Difference between ROMI and ROI

Post by Reddi2 »

ROMI (Return On Marketing Investment) is an ROI indicator calculated specifically for marketing costs.

Unlike the classic ROI, ROMI is calculated based on investments in marketing only for a certain period. Capital investments/expenses (CAPEX), for example, in production, in providing long-term inventories, etc., are not taken into account here.
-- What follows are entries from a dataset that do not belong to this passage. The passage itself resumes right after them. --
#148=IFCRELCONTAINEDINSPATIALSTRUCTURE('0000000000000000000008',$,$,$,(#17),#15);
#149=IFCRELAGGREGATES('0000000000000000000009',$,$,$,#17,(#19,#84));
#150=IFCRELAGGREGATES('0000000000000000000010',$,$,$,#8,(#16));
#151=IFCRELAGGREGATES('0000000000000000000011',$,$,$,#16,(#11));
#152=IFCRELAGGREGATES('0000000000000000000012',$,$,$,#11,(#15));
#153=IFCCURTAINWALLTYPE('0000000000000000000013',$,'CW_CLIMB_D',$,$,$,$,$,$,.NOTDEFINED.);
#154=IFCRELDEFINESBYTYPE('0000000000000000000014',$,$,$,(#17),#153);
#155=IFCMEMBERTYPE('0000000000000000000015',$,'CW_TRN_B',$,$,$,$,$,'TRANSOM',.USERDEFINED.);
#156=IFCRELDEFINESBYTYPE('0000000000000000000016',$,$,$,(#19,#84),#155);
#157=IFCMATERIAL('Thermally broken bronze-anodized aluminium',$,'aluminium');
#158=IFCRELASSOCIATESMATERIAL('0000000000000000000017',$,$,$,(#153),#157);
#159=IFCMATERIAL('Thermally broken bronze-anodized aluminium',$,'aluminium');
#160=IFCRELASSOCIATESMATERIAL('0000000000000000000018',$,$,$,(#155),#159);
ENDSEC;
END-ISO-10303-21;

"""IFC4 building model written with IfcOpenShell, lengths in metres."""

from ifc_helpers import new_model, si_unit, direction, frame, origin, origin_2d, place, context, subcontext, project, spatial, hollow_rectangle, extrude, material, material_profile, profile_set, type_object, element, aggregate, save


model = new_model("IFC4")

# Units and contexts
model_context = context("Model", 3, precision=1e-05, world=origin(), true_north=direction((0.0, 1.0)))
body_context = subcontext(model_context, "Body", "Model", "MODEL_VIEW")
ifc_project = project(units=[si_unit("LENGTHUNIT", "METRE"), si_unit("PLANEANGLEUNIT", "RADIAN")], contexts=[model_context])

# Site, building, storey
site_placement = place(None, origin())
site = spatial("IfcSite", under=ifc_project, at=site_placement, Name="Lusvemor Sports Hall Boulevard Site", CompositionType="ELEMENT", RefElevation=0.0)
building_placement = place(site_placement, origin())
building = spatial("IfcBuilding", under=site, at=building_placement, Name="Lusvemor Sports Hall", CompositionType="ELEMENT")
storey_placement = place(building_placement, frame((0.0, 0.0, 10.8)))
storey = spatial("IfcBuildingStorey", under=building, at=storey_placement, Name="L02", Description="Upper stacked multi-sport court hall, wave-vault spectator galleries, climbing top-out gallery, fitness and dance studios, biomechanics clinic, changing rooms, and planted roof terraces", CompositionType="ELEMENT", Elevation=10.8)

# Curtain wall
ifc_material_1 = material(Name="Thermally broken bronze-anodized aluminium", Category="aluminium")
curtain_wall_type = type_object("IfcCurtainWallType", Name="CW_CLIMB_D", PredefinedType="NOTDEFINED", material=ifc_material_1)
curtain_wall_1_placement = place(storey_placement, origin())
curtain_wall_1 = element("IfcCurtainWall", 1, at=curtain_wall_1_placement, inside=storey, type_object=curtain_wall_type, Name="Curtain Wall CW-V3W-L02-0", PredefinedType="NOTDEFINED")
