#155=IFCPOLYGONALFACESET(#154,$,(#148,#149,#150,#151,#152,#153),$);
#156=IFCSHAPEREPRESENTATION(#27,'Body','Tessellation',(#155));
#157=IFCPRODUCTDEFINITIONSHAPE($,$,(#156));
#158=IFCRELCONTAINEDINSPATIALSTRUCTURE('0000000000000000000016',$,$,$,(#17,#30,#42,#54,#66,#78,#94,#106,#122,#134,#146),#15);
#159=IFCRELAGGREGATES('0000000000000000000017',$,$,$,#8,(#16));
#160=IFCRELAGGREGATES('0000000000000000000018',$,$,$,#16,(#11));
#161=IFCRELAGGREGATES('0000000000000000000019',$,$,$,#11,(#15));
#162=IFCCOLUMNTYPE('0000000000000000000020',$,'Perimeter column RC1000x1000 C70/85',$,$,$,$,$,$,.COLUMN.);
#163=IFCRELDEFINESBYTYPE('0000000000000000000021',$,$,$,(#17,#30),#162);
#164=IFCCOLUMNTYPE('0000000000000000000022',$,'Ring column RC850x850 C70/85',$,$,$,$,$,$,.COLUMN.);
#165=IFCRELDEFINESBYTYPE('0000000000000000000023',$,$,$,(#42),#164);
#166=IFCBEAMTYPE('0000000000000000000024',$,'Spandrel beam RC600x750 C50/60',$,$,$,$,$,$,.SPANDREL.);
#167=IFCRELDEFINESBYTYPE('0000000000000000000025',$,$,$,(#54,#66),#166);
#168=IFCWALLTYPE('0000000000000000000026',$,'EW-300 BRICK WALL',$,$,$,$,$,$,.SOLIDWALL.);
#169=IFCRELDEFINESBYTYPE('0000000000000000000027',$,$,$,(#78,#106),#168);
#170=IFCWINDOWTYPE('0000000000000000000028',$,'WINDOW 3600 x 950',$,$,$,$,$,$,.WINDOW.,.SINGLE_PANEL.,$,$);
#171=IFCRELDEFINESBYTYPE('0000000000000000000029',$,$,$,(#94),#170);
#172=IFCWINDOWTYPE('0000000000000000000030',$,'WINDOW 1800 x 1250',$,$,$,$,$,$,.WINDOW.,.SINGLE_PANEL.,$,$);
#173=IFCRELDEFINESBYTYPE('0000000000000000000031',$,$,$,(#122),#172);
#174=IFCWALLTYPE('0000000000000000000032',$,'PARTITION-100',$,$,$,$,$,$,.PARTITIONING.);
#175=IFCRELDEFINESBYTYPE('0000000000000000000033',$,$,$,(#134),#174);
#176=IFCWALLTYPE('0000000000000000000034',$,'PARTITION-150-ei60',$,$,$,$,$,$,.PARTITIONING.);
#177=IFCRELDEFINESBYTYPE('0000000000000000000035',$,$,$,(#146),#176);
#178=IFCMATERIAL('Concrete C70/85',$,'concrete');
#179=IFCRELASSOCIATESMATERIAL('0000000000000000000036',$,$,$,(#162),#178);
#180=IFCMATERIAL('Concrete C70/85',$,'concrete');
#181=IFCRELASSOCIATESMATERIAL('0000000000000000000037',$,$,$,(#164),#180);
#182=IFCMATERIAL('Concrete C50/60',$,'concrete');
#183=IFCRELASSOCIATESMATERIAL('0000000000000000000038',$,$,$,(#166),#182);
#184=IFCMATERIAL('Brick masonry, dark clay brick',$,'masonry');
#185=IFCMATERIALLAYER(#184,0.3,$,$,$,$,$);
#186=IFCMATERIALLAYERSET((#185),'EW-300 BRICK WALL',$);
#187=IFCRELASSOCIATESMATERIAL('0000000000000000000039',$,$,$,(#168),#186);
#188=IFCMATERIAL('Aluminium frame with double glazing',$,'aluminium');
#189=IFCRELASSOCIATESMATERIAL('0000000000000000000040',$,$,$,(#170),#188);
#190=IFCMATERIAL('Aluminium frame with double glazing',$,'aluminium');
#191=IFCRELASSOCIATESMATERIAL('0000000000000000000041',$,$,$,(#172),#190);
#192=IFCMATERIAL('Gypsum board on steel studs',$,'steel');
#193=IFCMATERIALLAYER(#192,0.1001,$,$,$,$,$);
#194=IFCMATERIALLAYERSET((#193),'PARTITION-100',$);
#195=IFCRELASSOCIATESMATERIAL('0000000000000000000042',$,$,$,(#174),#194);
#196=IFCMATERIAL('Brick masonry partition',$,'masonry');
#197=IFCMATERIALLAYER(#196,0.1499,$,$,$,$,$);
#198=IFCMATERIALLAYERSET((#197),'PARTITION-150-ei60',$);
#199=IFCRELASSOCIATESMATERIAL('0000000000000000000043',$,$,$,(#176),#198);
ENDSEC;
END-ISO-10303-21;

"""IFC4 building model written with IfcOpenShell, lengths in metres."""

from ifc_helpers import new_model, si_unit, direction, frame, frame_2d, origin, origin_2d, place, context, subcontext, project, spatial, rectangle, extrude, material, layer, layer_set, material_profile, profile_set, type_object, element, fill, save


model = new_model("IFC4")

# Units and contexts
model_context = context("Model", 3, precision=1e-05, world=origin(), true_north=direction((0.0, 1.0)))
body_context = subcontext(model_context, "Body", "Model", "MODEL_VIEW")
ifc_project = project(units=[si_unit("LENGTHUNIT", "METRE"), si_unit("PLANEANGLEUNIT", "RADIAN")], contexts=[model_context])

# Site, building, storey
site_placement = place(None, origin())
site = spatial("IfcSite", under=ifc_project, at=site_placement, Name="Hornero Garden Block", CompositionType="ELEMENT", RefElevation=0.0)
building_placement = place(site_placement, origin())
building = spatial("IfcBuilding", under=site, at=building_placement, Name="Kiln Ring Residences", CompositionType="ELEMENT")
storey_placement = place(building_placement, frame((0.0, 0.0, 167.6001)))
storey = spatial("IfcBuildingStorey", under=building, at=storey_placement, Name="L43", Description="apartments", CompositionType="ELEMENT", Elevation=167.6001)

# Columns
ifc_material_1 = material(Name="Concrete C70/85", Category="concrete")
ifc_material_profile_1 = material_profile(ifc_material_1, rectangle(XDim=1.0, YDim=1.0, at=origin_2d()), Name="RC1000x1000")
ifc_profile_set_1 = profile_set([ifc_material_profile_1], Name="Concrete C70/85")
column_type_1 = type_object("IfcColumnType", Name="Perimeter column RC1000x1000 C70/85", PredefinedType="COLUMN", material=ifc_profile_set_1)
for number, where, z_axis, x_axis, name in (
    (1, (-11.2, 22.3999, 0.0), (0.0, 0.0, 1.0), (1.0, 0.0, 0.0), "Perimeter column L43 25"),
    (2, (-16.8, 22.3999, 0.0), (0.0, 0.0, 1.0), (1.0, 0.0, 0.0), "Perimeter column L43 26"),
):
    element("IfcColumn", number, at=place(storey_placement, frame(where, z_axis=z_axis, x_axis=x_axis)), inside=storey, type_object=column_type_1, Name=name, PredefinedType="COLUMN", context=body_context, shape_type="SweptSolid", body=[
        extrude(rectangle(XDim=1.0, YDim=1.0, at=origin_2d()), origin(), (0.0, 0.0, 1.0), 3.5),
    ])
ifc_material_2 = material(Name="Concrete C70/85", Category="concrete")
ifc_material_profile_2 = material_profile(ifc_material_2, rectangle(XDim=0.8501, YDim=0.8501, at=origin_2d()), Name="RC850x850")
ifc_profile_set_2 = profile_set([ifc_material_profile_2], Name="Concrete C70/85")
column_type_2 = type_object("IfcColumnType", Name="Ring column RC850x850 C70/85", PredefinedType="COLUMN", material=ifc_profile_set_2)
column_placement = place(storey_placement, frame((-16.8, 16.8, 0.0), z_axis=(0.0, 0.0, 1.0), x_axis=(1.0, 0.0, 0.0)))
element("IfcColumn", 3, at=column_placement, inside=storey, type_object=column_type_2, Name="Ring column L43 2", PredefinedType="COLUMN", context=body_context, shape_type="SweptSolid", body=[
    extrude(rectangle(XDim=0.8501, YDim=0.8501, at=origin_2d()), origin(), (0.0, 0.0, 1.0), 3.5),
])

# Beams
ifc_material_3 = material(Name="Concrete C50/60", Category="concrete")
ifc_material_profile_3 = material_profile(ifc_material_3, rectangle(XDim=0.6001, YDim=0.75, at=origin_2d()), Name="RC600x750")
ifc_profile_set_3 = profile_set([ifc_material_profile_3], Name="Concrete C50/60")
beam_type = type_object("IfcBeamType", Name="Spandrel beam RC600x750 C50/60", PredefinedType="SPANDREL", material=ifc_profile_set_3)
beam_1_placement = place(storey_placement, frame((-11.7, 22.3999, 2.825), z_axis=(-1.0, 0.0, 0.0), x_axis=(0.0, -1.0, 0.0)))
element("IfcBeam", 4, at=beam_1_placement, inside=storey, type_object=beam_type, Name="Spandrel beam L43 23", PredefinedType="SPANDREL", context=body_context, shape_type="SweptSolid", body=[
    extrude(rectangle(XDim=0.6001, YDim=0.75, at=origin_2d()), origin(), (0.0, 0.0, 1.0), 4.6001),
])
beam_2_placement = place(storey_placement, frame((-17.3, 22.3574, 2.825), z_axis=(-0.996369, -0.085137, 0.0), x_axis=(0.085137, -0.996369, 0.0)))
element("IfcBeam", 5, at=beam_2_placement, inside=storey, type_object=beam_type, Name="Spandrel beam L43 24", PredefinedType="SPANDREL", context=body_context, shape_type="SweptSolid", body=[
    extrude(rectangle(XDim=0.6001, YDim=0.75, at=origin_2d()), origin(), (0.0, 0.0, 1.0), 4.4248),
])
Only operating expenses, implying support for current activities (OPEX), are included in the formula.

ROMI believes:

short-term, to understand the return on investment in specific marketing activities;
In the long term, this concept is used to evaluate spain phone number data more complex investments, such as campaigns to increase awareness, loyalty, market reach, etc.
Otherwise, ROMI is the share of profit from marketing expenses (advertising), that is, the same ROI.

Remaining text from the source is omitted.